The Basic to Advanced Aerial Unit - Chopper and Troop drop

The greatest fun is going aerial and dropping into the back of their base when no one is looking. Need an aerial platform that is cheap small, has a camera and will not be greatly impacted by a fall. The dual-contrarotor designs are good and will make for a fast platform,
where as the quad-rotor designs will make a more stable platform and function as troop-drop.


There is a Swiss ETH spin-off making the dual-rotor ones, Skybotix. Recently there was a lot of media around the iPhone controlled Quadrotor - AR. Drone Parrot. You can actually get one of these as a game dev. Only if I had the cash.

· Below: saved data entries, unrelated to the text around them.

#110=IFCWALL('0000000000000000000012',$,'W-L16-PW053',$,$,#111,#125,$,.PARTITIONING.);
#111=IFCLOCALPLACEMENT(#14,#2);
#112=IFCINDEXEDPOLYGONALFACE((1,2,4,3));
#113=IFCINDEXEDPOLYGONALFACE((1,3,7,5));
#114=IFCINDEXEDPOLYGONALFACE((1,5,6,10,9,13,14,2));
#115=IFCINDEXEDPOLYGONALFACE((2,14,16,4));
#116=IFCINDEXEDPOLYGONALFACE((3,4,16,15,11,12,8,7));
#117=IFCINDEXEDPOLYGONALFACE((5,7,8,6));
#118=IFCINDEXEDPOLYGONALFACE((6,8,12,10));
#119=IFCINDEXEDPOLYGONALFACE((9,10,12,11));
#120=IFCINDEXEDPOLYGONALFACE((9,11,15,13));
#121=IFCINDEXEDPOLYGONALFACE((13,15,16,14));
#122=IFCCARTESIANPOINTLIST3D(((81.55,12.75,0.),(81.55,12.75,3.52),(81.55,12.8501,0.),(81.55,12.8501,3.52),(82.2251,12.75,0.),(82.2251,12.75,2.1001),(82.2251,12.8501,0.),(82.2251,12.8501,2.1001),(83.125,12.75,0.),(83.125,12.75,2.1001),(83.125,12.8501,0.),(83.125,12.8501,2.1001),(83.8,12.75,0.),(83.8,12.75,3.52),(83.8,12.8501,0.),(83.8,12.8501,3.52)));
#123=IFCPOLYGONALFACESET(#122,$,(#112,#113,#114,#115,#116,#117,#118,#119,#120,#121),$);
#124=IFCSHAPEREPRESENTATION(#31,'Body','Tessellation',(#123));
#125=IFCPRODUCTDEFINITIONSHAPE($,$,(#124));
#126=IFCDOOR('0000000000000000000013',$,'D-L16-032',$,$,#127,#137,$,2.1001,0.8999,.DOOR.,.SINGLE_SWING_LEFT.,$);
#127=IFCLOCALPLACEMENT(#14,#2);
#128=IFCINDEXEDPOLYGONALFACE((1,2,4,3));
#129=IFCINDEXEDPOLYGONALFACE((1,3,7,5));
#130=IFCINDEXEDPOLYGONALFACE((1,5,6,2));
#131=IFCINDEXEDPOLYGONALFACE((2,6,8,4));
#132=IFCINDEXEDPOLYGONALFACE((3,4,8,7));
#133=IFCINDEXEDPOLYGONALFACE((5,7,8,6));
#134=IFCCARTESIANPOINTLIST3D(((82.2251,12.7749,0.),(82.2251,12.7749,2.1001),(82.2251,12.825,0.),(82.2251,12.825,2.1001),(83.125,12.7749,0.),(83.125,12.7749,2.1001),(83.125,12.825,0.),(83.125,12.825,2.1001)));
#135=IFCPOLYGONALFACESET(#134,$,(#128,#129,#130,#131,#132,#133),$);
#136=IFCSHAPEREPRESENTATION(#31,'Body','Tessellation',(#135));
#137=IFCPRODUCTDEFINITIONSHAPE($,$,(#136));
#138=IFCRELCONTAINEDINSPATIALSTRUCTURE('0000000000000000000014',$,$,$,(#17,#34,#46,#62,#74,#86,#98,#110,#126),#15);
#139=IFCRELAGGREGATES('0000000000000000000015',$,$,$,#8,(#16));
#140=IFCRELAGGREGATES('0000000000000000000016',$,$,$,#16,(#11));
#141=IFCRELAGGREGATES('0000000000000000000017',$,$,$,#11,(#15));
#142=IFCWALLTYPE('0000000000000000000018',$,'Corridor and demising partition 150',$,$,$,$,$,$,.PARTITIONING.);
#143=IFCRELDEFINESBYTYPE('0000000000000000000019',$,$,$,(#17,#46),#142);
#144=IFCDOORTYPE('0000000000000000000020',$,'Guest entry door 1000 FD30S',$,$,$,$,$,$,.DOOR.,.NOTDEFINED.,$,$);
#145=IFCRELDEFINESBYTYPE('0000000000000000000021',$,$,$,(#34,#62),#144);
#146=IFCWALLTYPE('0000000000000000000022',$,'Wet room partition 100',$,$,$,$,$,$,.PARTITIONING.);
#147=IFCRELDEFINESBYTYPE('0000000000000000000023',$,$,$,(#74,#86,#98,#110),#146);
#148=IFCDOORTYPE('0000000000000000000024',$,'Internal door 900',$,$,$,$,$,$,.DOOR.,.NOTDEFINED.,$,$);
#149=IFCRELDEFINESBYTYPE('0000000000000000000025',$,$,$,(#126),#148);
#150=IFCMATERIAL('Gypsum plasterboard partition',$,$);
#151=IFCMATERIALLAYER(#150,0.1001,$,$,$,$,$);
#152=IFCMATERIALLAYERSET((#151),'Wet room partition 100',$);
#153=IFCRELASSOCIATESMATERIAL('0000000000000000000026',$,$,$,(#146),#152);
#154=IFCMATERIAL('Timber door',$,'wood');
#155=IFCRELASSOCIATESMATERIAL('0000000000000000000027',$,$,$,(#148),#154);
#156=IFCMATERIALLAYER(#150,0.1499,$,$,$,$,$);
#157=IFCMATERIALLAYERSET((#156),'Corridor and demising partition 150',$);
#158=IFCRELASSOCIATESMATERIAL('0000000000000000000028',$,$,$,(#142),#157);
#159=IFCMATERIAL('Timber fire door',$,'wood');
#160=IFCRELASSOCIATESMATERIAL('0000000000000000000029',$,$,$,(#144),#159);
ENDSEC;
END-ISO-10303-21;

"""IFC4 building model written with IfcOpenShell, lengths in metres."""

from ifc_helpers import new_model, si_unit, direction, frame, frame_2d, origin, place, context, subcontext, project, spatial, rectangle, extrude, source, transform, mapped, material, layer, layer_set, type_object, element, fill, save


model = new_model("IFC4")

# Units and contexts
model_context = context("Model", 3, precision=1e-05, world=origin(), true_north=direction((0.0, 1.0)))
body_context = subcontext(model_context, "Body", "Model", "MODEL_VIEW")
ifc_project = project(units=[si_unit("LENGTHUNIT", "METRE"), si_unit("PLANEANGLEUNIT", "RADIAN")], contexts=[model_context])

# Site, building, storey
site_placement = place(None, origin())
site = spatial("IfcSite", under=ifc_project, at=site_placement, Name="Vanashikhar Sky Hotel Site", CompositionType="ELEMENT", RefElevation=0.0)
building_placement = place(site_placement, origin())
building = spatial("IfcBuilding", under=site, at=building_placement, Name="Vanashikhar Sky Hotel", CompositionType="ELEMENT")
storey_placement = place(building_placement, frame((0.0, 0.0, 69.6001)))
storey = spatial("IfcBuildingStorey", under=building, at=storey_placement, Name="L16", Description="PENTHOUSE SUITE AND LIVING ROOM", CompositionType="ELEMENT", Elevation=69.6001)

The Scenery and the Sand Pit

So we can now move about willy nilly and see where we are going. Still need a play pen though. This is where we can get really inventive and easy. Making a real forest with trees which take damage on shooting is hard in graphics, but really trivial in augmented reality. May be it will encourage preservation of play parks and clean play beaches, or post-apocalyptic architecture. We will have to stream and clean and stabilize the videos, we will have to motion track and assist with auto-lock shooting. Technology which I pray the millitary will not try to use for other means.

Monday, January 4, 2010

Chewing gum computer - Gumstix Verdex

Matthew at the Uni lent me one of the coolest and smallest functional computers on a tiny board. It is a Gumstix Verdex based unit with a 400MHz processor, it also comes with a GPS add-on board and you can run Linux OpenEmbedded or windows CE on it. I also have a microstrain 3DM-GX2 to complete the kit for positional sensing.

Time to hop-along and install an autopilot OS on the Gumstix to get flying.

Friday, January 1, 2010

Happy new year - may the stars keep moving

It was a great new year's eve - a completely awake night of food, friends, drinks and dancing. For some reason I got obsessed with pointing out that nothing lasts for ever - stars live, move around and die. Showed the stars in the Orion constellation thrice and pointed out the rabbit on the moon.

Orion has some of the most exciting stars around, Rigel, Betelgeuse, Bellatrix. Nearby is the brightest Sirius. Strangely enough a lot of separated cultures identify the same group of stars as the same constellation, points to the common human wiring for pattern recognition.